Após a conquista sofrida, sai radiante esvoaçando os cabelos lambidos pelo vento, cruza um corredor para em seguida, ser totalmente encoberta por árvores e telhas.
Em dois momentos diversos, manifesta-se a busca constante por atingir uma meta. No primeiro, recheada de obrigatoriedade, é dolorida e prolongada, configurando-se como uma verdadeira tortura o fato de obrigatoriamente ter que se enquadrar em um determinado estilo imposto por um grupo social que os torna inconsciente do seu papel cidadão e de sua força transformadora. A cobrança exacerbada tira o prazer do aprender e como dizia Epicuro, “onde não há prazer, há dor”.
Partindo do pressuposto que todos fomos feitos para felicidade, é lícito fugir daquilo que nos maltrata e machuca, é algo instintivo. A avaliação enquanto agressora recebe repúdio ao invés de satisfação e quanto mais próxima, mais sofrível, o contrário do sentimento da raposa em relação ao Pequeno Príncipe: “Se tu vens às duas horas, ao meio dia já estou a tua espera”.
A ânsia por aquilo que nos eleva torna o tempo maçante e enfadonho ao passo que, concretizando o desejado, ele foge desesperadamente, é o que difere o tempo psicológico do tempo cronológico.

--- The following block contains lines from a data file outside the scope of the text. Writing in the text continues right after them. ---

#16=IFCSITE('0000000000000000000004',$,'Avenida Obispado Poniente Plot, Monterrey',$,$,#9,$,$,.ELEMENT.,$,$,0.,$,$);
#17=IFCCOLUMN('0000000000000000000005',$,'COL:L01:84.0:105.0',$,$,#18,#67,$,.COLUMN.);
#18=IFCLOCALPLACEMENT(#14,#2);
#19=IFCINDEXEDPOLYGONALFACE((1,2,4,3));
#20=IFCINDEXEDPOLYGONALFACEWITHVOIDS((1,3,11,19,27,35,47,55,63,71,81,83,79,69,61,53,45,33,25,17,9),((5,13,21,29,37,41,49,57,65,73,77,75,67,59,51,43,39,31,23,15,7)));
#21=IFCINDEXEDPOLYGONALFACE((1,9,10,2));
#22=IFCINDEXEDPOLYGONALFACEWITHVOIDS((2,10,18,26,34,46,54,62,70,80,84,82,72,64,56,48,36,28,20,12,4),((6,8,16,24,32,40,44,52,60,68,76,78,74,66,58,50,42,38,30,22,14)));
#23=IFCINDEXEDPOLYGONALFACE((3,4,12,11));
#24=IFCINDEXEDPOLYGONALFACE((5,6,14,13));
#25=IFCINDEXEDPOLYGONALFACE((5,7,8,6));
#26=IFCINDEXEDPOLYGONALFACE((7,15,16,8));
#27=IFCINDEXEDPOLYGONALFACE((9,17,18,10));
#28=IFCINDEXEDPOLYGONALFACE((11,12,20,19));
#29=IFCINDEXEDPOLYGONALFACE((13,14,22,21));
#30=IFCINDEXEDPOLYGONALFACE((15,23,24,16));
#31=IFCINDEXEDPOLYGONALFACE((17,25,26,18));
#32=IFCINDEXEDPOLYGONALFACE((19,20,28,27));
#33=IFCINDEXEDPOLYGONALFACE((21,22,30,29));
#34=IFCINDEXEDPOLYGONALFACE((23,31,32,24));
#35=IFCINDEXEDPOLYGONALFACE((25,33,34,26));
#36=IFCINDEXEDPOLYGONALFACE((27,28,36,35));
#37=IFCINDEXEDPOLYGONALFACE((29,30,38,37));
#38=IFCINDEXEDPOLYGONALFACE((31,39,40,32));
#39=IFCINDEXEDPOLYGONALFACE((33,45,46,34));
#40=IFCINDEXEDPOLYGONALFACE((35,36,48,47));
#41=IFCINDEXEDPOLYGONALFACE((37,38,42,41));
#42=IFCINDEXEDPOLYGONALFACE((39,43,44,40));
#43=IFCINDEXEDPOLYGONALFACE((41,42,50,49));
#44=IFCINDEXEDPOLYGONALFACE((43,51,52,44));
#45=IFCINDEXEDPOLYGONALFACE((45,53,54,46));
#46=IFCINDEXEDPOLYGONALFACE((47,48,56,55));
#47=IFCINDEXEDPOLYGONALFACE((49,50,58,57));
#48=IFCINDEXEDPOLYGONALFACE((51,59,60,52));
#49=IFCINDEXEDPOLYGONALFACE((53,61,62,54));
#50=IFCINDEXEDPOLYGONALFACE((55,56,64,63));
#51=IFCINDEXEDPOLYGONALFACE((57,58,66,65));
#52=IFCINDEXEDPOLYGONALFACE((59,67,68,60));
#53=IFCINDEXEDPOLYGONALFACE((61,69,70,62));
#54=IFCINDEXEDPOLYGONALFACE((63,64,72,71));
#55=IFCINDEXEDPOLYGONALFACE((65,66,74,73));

No segundo momento, o prazer e a alegria são patentes fazendo com que o tempo que passa igual para todos não seja percebido.

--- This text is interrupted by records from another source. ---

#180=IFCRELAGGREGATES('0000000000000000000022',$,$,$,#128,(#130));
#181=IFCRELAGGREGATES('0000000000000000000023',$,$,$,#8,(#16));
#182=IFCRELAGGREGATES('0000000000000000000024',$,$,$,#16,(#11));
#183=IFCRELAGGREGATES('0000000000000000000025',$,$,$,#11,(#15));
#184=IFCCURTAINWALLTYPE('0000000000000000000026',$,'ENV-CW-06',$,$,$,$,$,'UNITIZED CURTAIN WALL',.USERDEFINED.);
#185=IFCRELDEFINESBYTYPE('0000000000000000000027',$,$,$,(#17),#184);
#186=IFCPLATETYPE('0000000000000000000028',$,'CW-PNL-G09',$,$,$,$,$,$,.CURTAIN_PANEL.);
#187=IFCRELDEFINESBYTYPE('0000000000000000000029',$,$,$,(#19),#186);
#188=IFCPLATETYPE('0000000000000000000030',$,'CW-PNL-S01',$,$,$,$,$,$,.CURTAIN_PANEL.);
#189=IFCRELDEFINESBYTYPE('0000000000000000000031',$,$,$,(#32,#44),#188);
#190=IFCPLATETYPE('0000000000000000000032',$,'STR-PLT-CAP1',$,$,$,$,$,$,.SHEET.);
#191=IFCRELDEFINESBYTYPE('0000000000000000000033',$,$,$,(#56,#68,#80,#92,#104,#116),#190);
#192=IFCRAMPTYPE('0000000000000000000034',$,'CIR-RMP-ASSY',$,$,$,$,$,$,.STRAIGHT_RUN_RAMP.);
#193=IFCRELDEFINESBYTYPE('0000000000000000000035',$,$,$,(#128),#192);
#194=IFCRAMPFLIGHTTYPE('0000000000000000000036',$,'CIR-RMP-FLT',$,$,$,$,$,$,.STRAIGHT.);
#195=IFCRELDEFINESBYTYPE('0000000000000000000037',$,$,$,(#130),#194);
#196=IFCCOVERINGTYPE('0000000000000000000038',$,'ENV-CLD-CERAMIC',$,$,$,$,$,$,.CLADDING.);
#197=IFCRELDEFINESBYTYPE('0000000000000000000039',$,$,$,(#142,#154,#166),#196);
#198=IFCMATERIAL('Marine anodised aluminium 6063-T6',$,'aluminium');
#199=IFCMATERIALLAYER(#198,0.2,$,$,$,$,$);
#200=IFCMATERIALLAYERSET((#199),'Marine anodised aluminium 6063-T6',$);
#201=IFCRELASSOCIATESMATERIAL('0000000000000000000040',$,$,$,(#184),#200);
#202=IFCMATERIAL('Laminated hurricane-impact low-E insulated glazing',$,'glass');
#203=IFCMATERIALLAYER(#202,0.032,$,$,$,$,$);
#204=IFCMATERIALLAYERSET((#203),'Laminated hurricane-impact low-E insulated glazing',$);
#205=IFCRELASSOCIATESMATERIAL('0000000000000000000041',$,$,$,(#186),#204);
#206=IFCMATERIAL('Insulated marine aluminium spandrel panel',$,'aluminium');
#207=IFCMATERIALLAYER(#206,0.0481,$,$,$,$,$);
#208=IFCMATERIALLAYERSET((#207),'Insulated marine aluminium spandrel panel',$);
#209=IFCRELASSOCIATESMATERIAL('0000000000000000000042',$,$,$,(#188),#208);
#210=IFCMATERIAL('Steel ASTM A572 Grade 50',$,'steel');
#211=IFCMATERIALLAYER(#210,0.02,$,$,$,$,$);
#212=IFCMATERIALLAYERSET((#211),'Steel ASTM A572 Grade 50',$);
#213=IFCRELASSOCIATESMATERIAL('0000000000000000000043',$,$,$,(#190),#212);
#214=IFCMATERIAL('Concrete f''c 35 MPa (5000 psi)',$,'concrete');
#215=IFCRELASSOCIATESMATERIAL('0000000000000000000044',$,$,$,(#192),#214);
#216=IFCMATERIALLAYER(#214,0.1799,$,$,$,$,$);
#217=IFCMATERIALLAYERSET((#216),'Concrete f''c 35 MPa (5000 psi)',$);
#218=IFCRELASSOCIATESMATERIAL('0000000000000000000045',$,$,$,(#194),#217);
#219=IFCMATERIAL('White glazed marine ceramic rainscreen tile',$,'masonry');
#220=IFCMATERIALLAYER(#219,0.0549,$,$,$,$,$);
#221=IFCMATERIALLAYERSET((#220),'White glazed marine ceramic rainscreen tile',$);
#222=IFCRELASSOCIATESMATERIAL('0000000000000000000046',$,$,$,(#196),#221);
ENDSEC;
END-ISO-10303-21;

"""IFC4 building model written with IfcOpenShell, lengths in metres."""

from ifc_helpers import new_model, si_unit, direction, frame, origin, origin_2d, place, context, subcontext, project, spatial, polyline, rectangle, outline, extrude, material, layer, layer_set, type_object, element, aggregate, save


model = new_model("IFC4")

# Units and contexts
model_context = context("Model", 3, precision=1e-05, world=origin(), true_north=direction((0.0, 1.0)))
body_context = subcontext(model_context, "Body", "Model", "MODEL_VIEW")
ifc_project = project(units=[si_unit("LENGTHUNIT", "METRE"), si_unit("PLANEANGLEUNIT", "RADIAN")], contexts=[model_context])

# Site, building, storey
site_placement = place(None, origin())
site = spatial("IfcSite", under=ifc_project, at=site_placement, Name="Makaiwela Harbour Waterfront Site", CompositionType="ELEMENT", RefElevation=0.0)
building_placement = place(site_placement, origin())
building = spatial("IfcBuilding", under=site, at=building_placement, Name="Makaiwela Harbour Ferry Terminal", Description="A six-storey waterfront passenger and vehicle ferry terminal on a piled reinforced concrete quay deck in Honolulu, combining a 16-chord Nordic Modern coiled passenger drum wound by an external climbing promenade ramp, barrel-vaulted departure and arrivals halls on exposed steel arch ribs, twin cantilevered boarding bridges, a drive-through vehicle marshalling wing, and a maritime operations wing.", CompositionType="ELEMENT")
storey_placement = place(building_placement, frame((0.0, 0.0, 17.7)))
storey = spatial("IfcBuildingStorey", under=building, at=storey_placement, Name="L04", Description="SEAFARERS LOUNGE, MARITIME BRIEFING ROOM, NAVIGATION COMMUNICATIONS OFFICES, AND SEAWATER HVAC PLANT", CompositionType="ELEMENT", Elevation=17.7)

O que nos leva a refletir sobre a dor e o prazer contidos nos horizontes perseguidos?
É de simples identificação o fato de que, quando a meta é nossa, os desafios e empecilhos são facilmente assimilados e recebe uma dedicação quase que devocional, por ser expressão da “minha” personalidade e a sua consumação aprofunda as relações intersubjetivas por ser uma condição “sine qua non” da formação integral do individuo.
Podemos concluir que só aprende quem quer e só se motiva quem deseja. O educador não é mágico nem milagreiro e sim um ser que partilha a sua especialidade com o desejo de engendrar sonhos nas mentes carcomidas pelo desejo de posse e de consumo, em detrimento da elevação da dignidade da pessoa humana tão desfigurada, empobrecida e subordinada as questões periféricas como cor, credo e interesses pessoais e consumismo exacerbado.